A Bregman Learning Framework for Sparse Neural Networks

Abstract

We propose a learning framework based on stochastic Bregman iterations, also known as mirror descent, to train sparse neural networks with an inverse scale space approach. We derive a baseline algorithm called LinBreg, an accelerated version using momentum, and AdaBreg, which is a Bregmanized generalization of the Adam algorithm. In contrast to established methods for sparse training the proposed family of algorithms constitutes a regrowth strategy for neural networks that is solely optimization-based without additional heuristics.

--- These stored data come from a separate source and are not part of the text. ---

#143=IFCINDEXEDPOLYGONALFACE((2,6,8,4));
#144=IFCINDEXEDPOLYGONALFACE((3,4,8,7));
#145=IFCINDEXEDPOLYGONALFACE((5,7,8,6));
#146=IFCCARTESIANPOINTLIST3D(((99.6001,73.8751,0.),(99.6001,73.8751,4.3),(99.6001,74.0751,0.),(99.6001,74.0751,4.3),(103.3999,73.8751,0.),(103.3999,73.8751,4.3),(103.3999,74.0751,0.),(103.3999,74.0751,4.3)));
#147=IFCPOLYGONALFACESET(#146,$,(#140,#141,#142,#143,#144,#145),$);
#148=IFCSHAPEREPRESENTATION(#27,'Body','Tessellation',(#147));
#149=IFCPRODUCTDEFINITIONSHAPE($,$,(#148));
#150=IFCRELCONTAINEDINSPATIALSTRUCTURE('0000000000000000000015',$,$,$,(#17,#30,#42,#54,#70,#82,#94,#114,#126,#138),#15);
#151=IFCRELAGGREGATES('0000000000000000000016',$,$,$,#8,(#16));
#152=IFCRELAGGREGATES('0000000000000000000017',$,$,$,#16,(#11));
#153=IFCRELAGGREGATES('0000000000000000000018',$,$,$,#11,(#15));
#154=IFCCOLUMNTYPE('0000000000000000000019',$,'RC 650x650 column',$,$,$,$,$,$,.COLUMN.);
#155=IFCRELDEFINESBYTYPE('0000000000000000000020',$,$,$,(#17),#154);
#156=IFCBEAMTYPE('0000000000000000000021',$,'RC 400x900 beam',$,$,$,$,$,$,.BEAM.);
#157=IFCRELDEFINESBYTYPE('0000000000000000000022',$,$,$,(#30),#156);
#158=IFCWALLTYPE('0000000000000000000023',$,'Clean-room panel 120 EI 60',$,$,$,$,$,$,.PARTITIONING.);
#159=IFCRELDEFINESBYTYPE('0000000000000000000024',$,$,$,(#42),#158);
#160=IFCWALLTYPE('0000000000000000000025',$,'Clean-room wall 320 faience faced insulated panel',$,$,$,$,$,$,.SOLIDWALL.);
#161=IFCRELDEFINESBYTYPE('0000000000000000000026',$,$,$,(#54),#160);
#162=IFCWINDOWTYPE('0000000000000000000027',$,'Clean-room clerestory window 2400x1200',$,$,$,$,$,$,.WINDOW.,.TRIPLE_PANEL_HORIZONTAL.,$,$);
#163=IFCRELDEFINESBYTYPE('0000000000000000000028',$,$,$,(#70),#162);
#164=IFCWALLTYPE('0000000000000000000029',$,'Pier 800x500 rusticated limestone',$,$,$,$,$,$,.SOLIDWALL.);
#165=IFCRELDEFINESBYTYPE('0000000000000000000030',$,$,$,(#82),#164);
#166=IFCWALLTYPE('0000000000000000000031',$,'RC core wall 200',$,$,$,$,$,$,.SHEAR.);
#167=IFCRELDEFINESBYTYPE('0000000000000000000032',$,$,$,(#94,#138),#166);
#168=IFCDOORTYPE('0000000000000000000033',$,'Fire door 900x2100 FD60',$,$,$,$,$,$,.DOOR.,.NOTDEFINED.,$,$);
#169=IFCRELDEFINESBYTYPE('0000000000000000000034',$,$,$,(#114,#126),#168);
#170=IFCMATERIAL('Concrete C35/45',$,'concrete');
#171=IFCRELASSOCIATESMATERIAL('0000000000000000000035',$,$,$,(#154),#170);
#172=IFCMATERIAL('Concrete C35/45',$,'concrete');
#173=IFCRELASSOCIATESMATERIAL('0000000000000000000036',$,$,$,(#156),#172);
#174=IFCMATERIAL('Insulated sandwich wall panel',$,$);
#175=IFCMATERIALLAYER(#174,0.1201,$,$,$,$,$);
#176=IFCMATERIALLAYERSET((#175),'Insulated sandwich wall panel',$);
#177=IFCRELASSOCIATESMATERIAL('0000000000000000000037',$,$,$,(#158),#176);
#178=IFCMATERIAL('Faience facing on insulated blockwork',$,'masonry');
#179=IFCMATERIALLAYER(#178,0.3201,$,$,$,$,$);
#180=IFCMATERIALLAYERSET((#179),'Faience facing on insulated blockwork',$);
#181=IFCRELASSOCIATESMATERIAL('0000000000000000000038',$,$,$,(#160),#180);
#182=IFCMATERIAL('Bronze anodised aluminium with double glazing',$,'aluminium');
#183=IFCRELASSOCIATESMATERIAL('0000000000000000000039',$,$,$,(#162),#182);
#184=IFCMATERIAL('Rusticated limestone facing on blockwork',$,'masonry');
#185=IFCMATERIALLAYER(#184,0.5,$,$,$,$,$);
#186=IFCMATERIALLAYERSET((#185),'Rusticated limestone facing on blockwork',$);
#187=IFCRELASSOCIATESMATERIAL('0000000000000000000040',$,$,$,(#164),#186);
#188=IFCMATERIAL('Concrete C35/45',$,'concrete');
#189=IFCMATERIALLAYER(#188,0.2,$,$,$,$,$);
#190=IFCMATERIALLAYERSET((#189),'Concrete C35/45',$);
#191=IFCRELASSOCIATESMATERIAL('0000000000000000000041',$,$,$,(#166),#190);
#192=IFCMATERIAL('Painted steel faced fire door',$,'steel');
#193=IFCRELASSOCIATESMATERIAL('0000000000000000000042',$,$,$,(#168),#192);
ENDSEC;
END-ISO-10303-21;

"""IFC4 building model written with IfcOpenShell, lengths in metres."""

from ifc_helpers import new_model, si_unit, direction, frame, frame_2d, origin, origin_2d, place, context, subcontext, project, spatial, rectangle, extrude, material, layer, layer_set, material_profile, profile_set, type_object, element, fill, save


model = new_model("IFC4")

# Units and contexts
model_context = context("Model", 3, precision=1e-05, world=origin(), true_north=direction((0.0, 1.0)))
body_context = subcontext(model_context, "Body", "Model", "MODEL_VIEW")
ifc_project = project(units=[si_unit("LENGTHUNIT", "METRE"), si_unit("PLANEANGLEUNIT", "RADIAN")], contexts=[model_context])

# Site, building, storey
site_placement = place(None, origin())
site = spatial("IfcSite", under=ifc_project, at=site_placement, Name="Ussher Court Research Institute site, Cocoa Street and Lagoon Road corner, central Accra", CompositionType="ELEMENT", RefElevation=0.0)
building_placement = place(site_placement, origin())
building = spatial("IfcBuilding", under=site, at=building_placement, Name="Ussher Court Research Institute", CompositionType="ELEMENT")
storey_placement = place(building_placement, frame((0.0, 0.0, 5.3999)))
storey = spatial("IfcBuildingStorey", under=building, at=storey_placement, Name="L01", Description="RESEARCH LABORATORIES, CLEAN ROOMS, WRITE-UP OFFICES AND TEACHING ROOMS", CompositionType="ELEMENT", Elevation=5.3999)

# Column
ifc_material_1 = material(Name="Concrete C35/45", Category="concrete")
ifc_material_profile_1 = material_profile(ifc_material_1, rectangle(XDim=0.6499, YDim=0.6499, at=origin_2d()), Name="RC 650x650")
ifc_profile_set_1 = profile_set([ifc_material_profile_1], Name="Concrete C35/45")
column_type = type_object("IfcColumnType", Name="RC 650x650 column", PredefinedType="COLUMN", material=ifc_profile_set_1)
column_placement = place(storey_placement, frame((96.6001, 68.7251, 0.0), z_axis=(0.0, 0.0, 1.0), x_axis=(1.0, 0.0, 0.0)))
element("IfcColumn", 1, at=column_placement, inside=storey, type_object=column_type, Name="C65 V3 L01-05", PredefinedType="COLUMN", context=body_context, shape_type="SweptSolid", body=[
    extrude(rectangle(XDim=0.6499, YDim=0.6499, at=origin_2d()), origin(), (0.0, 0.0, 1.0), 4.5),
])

Our Bregman learning framework starts the training with very few initial parameters, successively adding only significant ones to obtain a sparse and expressive network. The proposed approach is extremely easy and efficient, yet supported by the rich mathematical theory of inverse scale space methods. We derive a statistically profound sparse parameter initialization strategy and provide a rigorous stochastic convergence analysis of the loss decay and additional convergence proofs in the convex regime. Using only $3.4\%$ of the parameters of ResNet-18 we achieve $90.2\%$ test accuracy on CIFAR-10, compared to $93.6\%$ using the dense network. Our algorithm also unveils an autoencoder architecture for a denoising task. The proposed framework also has a huge potential for integrating sparse backpropagation and resource-friendly training. Code is available at https://github.com/TimRoith/BregmanLearning. [abs] [ pdf ][ bib ] [ code ] © JMLR 2022. (edit, beta)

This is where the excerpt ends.